One of my jobs today required creating a Subversion repository out of a subset of a larger repository. There are many reasons why this might be useful. In my case, it was to prepare a clean repository for conversion to another version control system. The original repository contained useful checkins in one particular directory, and useless checkins elsewhere. Since a quick Googling doesn’t bring up anything useful, I figured I’d document what I did. Most of this information can be found scattered through The Subversion Book, provided you know where to look.
We’ll suppose that
ORIG is a directory containing the original repository, and
NEW is the smaller repository containing only the directory
DESIRED/DIR from the original repository. The goal is to have the repository
NEW contain only the portion of the repository originally under (not including)
Step 1 is to dump the original repository, preserving only the desired commits. This results in a dump file called NEW.svnrepo:
svnadmin dump ORIG | svndumpfilter include DESIRED/DIR --drop-empty-revs --renumber-revs > NEW.svnrepo
Step 2 is to back up the dump file in case the editing in step 3 goes wrong:
cp NEW.svnrepo NEW.svnrepo.copy
Step 3 is to edit the
NEW.svnrepo file. This is the tricky step!
You should see something like this at the start of the dumpfile:
PROPS-END Node-path: calc Node-action: add Node-kind: dir Content-length: 0 PROPS-END
You want to delete the part in bold red font.
See also the section from the Subversion Book about repository filtering.
But you’re not done yet! You also want to remove the
DESIRED/DIR/ prefix when it appears after
Node-copyfrom-path:. What you do NOT want to do is a simple search and replace, because this will corrupt any files that contain that path, and corrupted files cause the repository import script to abort.
A sequence of vim substitution lines like the following should do the trick. The first two handle references to children of the desired directory. The last one handles property changes made on the desired directory itself.

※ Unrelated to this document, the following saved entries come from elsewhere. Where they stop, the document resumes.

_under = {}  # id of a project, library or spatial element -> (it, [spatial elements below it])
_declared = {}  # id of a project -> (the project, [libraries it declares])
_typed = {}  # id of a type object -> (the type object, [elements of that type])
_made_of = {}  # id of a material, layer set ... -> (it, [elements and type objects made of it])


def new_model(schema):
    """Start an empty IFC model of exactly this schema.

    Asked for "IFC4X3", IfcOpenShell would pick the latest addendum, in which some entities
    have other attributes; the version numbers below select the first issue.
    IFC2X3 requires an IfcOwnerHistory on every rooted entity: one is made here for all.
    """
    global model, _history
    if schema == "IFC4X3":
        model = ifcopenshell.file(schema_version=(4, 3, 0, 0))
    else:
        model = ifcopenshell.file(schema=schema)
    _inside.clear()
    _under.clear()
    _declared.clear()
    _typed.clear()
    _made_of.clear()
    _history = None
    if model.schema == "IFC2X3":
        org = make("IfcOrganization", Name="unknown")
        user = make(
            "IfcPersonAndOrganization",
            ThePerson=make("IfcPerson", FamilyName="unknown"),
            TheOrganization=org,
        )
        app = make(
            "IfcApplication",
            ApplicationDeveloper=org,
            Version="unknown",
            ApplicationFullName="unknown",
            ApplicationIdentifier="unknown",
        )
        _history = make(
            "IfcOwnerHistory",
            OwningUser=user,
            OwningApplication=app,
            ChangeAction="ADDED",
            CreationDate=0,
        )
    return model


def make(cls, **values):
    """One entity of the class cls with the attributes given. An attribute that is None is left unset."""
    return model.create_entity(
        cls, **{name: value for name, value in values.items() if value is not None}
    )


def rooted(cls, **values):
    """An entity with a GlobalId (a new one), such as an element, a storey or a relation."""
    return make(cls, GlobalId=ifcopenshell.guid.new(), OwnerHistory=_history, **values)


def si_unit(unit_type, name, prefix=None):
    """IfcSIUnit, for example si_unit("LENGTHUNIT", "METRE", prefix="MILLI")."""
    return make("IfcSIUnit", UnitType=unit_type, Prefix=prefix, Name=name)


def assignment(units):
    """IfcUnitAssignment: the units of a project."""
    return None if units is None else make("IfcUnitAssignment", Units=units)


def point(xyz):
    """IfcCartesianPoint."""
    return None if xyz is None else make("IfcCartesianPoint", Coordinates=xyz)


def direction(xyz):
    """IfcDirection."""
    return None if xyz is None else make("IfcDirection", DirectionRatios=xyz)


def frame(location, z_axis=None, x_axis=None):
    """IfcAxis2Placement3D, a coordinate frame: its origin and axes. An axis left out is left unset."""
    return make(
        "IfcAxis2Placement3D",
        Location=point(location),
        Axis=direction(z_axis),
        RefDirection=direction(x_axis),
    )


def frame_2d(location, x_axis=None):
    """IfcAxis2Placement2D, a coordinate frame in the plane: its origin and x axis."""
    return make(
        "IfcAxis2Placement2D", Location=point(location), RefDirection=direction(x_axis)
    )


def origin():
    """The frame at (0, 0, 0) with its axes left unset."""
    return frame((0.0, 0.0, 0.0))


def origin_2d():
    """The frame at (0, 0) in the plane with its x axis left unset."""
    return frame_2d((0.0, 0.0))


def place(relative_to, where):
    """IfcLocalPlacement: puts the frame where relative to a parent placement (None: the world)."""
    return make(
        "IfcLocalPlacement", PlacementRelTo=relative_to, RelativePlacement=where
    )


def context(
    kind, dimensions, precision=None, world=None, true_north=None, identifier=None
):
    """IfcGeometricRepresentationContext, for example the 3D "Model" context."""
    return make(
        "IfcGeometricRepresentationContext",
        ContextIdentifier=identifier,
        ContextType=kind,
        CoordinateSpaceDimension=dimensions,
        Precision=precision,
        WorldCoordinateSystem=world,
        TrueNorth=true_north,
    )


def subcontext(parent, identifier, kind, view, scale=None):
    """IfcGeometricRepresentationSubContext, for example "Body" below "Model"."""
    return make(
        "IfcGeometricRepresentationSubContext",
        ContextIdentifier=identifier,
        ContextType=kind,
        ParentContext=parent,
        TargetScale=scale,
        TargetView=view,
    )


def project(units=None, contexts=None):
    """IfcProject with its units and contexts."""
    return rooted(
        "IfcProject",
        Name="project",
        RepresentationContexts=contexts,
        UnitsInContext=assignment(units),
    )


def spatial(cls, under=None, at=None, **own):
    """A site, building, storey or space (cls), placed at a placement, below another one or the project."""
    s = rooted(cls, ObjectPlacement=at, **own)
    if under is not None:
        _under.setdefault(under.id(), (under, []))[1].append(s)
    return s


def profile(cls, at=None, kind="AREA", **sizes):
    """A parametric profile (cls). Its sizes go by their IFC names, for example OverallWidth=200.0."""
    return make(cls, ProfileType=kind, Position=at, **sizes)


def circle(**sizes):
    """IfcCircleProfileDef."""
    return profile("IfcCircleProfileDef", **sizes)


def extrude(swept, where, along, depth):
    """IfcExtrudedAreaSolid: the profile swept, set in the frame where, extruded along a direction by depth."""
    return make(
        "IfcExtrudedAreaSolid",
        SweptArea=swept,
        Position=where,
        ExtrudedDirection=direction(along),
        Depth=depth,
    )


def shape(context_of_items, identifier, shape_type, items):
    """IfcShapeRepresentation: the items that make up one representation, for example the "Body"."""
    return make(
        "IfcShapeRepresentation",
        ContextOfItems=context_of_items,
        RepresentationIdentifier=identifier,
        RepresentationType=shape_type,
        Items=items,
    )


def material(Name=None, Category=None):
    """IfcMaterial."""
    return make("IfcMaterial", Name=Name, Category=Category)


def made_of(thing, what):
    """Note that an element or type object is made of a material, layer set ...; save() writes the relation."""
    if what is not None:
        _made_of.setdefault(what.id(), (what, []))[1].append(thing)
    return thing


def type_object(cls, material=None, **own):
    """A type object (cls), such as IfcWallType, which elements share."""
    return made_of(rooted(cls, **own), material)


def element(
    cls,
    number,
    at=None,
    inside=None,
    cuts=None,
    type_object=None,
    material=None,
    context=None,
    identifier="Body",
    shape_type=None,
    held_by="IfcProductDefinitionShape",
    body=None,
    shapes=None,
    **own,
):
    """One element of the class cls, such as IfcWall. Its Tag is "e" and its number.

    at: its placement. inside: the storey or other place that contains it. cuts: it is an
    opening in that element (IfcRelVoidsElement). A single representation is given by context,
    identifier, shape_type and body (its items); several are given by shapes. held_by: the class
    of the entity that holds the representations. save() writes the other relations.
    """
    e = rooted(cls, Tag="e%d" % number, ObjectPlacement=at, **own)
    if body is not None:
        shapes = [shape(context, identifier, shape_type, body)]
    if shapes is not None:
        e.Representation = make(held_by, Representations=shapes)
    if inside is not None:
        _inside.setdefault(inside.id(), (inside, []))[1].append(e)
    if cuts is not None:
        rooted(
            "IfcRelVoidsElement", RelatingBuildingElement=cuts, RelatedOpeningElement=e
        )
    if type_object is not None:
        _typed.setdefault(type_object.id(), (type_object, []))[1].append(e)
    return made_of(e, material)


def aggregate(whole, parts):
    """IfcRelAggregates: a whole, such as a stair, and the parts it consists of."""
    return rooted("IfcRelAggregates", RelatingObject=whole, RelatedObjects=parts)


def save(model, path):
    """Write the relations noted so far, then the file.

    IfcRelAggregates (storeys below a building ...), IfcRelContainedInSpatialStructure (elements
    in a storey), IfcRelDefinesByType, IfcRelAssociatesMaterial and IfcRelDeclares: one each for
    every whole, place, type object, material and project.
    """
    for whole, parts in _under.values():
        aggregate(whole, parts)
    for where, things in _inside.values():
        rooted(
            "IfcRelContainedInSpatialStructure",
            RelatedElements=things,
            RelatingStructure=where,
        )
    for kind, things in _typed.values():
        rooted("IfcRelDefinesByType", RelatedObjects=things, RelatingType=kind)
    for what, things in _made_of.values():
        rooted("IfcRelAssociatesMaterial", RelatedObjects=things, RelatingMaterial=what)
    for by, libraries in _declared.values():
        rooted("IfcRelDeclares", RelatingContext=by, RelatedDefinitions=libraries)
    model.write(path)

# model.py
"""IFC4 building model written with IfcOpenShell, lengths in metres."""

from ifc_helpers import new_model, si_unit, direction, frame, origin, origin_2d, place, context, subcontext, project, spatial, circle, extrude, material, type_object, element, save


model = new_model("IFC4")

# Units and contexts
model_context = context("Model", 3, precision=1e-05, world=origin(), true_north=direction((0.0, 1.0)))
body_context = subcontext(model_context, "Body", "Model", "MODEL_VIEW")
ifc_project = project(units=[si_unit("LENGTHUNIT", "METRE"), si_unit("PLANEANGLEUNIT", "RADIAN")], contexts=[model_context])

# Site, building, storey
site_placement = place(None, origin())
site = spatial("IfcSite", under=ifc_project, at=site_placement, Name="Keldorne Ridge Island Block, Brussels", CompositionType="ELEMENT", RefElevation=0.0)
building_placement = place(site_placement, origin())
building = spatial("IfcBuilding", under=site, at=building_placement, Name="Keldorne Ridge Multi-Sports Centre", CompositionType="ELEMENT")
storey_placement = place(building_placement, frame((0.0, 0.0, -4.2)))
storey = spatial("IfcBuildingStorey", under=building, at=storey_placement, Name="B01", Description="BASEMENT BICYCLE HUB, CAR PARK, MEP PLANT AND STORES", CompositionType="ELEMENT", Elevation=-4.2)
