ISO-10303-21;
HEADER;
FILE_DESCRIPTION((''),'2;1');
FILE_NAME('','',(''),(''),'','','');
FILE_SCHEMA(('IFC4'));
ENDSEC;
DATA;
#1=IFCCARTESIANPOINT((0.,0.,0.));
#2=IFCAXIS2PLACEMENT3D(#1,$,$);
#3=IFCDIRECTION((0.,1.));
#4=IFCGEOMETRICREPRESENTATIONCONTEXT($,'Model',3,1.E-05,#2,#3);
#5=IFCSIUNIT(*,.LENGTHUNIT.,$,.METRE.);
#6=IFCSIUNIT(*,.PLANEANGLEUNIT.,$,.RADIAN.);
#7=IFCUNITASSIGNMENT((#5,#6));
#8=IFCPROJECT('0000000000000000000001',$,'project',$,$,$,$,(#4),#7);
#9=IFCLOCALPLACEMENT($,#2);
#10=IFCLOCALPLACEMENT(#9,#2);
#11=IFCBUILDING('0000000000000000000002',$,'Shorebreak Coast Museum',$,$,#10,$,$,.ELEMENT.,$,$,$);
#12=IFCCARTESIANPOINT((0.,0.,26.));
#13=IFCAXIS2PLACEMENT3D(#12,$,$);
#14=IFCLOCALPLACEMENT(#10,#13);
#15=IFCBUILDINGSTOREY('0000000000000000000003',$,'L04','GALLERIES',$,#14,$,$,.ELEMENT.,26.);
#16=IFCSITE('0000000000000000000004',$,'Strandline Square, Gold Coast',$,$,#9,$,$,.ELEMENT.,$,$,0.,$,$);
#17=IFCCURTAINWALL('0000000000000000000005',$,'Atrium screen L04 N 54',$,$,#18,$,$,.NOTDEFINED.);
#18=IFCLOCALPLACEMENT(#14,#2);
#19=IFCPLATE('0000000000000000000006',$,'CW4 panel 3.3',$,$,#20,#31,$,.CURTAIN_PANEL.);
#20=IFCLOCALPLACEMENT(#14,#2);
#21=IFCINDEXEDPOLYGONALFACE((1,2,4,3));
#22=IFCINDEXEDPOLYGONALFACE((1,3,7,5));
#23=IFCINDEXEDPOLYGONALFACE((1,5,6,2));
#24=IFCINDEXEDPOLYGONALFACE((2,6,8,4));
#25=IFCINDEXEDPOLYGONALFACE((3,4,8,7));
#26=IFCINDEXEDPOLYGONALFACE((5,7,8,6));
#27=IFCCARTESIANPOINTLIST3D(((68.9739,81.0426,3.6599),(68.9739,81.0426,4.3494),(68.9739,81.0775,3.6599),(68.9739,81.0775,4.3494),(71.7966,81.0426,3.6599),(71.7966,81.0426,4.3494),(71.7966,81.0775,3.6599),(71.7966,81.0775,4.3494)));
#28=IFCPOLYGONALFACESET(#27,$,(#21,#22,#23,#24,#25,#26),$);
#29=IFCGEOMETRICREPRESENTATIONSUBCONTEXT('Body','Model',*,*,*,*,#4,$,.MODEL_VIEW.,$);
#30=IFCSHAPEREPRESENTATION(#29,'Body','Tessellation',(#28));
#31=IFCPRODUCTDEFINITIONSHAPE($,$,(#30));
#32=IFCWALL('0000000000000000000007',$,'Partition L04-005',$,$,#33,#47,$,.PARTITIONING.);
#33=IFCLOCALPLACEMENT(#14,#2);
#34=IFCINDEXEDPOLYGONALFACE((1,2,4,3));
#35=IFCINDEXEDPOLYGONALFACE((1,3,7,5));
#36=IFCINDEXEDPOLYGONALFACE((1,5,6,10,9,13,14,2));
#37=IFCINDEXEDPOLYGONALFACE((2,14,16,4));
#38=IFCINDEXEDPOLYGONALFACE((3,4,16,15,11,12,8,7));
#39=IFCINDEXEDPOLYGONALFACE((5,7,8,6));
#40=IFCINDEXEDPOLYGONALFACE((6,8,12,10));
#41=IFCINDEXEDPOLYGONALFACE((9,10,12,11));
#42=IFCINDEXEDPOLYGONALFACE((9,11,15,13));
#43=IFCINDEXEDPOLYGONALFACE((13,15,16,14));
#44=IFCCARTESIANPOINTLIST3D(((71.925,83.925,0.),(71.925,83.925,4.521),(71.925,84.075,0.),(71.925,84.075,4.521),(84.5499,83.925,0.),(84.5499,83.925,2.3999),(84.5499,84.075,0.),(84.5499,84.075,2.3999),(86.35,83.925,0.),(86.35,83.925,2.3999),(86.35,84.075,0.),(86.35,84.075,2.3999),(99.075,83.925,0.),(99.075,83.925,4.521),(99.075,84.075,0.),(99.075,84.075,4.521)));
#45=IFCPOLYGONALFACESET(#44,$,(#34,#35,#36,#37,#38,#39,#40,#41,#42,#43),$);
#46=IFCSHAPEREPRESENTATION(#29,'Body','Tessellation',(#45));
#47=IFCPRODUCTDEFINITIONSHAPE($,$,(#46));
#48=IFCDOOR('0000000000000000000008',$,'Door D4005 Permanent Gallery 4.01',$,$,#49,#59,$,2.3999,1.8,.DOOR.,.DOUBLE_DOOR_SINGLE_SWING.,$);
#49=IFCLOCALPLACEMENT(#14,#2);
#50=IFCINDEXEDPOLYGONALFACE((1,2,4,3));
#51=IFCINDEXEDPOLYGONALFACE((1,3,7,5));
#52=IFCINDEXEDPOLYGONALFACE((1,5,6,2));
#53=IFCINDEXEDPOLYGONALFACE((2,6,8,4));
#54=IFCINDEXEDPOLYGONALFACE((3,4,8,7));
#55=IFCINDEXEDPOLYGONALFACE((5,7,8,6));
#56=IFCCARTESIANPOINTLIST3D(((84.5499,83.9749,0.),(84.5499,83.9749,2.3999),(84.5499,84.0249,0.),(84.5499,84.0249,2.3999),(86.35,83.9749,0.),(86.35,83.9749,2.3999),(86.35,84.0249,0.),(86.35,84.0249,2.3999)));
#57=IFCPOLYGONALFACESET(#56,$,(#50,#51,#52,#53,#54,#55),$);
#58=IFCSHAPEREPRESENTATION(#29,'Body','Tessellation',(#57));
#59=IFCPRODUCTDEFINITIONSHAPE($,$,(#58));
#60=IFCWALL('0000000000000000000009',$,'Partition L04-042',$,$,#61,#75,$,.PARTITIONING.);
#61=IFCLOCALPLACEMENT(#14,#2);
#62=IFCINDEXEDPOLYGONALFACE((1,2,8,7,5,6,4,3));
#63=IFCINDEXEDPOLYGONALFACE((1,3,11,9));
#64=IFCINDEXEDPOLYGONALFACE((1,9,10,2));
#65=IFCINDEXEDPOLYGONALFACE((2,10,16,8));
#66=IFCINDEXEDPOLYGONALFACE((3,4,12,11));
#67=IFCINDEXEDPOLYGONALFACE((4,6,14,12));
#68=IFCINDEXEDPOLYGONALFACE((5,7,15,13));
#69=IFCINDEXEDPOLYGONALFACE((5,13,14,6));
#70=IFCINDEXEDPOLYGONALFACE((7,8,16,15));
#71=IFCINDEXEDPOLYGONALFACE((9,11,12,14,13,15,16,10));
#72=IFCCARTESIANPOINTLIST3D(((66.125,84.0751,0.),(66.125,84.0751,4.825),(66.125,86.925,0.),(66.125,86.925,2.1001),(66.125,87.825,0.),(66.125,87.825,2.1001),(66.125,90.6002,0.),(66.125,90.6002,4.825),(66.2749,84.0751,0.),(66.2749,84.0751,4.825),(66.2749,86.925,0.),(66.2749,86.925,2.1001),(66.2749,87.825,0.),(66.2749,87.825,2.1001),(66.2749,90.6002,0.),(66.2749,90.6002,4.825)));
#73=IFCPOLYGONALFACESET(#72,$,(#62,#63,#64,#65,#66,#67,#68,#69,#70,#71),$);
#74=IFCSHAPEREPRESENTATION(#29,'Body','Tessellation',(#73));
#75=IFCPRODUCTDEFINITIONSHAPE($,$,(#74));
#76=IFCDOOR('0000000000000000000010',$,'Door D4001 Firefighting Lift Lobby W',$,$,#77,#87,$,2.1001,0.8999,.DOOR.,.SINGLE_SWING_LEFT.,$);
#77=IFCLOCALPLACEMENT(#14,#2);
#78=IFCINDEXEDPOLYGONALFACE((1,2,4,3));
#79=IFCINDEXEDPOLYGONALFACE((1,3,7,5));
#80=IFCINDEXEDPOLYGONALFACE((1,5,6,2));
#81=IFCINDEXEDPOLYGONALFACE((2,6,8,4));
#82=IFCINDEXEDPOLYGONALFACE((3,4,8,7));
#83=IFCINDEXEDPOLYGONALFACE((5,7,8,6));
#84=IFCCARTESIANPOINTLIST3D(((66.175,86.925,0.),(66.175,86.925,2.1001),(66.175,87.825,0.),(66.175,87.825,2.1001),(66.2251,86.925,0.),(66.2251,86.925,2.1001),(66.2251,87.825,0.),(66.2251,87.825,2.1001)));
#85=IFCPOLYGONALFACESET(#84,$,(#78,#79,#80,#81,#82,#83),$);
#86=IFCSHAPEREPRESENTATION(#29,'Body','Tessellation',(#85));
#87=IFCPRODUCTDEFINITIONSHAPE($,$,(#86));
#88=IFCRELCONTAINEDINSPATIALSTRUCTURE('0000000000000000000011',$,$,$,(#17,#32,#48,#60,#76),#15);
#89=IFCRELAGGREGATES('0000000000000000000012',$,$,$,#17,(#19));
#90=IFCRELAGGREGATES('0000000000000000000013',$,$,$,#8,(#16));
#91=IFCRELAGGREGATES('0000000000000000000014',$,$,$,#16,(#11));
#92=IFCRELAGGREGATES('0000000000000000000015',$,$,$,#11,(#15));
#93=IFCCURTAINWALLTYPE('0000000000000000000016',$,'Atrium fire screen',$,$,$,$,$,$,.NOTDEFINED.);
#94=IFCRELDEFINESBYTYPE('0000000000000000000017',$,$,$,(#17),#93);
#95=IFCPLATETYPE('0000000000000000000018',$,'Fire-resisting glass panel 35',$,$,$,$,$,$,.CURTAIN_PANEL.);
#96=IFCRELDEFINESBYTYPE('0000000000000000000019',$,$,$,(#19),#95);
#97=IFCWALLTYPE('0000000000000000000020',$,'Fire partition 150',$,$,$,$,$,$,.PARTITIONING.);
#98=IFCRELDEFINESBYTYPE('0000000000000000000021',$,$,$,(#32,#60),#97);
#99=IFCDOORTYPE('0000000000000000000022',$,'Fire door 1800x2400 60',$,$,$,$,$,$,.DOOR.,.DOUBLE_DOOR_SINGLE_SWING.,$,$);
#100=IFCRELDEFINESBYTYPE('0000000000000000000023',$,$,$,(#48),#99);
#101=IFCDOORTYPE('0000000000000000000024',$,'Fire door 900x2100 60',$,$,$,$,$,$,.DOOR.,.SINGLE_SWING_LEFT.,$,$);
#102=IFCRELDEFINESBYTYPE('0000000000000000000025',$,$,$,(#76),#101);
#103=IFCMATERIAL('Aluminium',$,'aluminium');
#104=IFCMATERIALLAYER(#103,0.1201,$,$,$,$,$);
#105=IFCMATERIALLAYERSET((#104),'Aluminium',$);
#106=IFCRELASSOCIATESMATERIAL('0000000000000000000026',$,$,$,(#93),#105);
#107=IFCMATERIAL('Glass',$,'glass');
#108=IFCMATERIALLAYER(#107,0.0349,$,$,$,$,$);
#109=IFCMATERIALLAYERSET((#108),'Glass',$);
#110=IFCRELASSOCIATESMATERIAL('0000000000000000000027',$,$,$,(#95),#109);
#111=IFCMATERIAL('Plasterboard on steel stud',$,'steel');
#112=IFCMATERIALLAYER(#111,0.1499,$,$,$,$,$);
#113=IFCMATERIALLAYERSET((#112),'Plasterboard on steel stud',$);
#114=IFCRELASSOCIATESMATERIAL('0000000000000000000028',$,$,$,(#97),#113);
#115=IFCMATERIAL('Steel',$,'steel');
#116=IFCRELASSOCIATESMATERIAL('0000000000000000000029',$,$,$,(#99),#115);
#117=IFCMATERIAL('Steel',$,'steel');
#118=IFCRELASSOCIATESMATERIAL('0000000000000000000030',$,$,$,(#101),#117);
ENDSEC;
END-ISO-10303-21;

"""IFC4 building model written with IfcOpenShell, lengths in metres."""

from ifc_helpers import new_model, si_unit, direction, frame, frame_2d, origin, origin_2d, place, context, subcontext, project, spatial, rectangle, extrude, material, layer, layer_set, type_object, element, fill, aggregate, save


model = new_model("IFC4")

# Units and contexts
model_context = context("Model", 3, precision=1e-05, world=origin(), true_north=direction((0.0, 1.0)))
body_context = subcontext(model_context, "Body", "Model", "MODEL_VIEW")
ifc_project = project(units=[si_unit("LENGTHUNIT", "METRE"), si_unit("PLANEANGLEUNIT", "RADIAN")], contexts=[model_context])

# Site, building, storey
site_placement = place(None, origin())
site = spatial("IfcSite", under=ifc_project, at=site_placement, Name="Strandline Square, Gold Coast", CompositionType="ELEMENT", RefElevation=0.0)
building_placement = place(site_placement, origin())
building = spatial("IfcBuilding", under=site, at=building_placement, Name="Shorebreak Coast Museum", CompositionType="ELEMENT")
storey_placement = place(building_placement, frame((0.0, 0.0, 26.0)))
storey = spatial("IfcBuildingStorey", under=building, at=storey_placement, Name="L04", Description="GALLERIES", CompositionType="ELEMENT", Elevation=26.0)

# Curtain wall, plate
ifc_material_1 = material(Name="Aluminium", Category="aluminium")
ifc_layer_1 = layer(ifc_material_1, 0.1201)
ifc_layer_set_1 = layer_set([ifc_layer_1], Name="Aluminium")
curtain_wall_type = type_object("IfcCurtainWallType", Name="Atrium fire screen", PredefinedType="NOTDEFINED", material=ifc_layer_set_1)
curtain_wall_placement = place(storey_placement, origin())
curtain_wall = element("IfcCurtainWall", 1, at=curtain_wall_placement, inside=storey, type_object=curtain_wall_type, Name="Atrium screen L04 N 54", PredefinedType="NOTDEFINED")
ifc_material_2 = material(Name="Glass", Category="glass")
ifc_layer_2 = layer(ifc_material_2, 0.0349)
ifc_layer_set_2 = layer_set([ifc_layer_2], Name="Glass")
plate_type = type_object("IfcPlateType", Name="Fire-resisting glass panel 35", PredefinedType="CURTAIN_PANEL", material=ifc_layer_set_2)
plate_1_placement = place(storey_placement, frame((70.3853, 81.0601, 3.6599), z_axis=(0.0, 0.0, 1.0), x_axis=(1.0, 0.0, 0.0)))
plate_1 = element("IfcPlate", 2, at=plate_1_placement, type_object=plate_type, Name="CW4 panel 3.3", PredefinedType="CURTAIN_PANEL", context=body_context, shape_type="SweptSolid", body=[
    extrude(rectangle(XDim=2.8228, YDim=0.0349, at=origin_2d()), origin(), (0.0, 0.0, 1.0), 0.6895),
])
aggregate(curtain_wall, [plate_1])

# Walls, openings, doors
ifc_material_3 = material(Name="Plasterboard on steel stud", Category="steel")
ifc_layer_3 = layer(ifc_material_3, 0.1499)
ifc_layer_set_3 = layer_set([ifc_layer_3], Name="Plasterboard on steel stud")
wall_type = type_object("IfcWallType", Name="Fire partition 150", PredefinedType="PARTITIONING", material=ifc_layer_set_3)
wall_1_placement = place(storey_placement, frame((71.925, 84.0, 0.0), z_axis=(0.0, 0.0, 1.0), x_axis=(1.0, 0.0, 0.0)))
wall_1 = element("IfcWall", 3, at=wall_1_placement, inside=storey, type_object=wall_type, Name="Partition L04-005", PredefinedType="PARTITIONING", context=body_context, shape_type="SweptSolid", body=[
    extrude(rectangle(XDim=27.1499, YDim=0.1499, at=frame_2d((13.575, 0.0))), origin(), (0.0, 0.0, 1.0), 4.521),
])
opening_1_placement = place(wall_1_placement, frame((12.625, 0.0, 0.0)))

:%s/Node-path: DESIRED\/DIR\//Node-path: / :%s/Node-copyfrom-path: DESIRED\/DIR\//Node-copyfrom-path: / :%s/Node-path: DESIRED\/DIR/Node-path: /
Step 4 is to create a new, empty repository:
svnadmin create NEW
Step 5 is to load the new repository from your edited dump file:
svnadmin load NEW < NEW.svnrepo
Step 6 is to import the repository from svn to bzr, using one of:
bzr svn-import NEW bzr-NEW
bzr2svn.py NEW.svnrepo bzr-NEW
Step 7 is to remove the dump files:
In my particular case, getting the new repository was a means to an end. Since I was moving to Bazaar, using specialized conversion tools was an option. My findings:
svnadmin verifyon the new repository from above works.
bzr svn-importon the new repository fails on Windows with shiny new bzr (1.12) and bzr-svn (0.5.2)
bzr svn-importon the new repository works on Ubuntu with old and rusty bzr (1.6.1) and bzr-svn (0.4.13)
bzr2svnon the new repository fails on Fedora with even older bzr (1.3.1)
bzr2svnon the ORIGINAL repository works on Fedora with even older bzr (1.3.1)
There’s not much rhyme or reason to what works and what doesn’t, so far as I can tell. With 20/20 hindsight, the easiest thing to do would have been to use
bzr2svn on Linux from the get-go, and avoid
svn-import on Windows.
bzr2svn is especially nice because it has a
--prefix option to import only a portion of a repository. That eliminates the need to muck around with
svndumpfilter in the first place.
But what’s done is done, and my pain is your gain!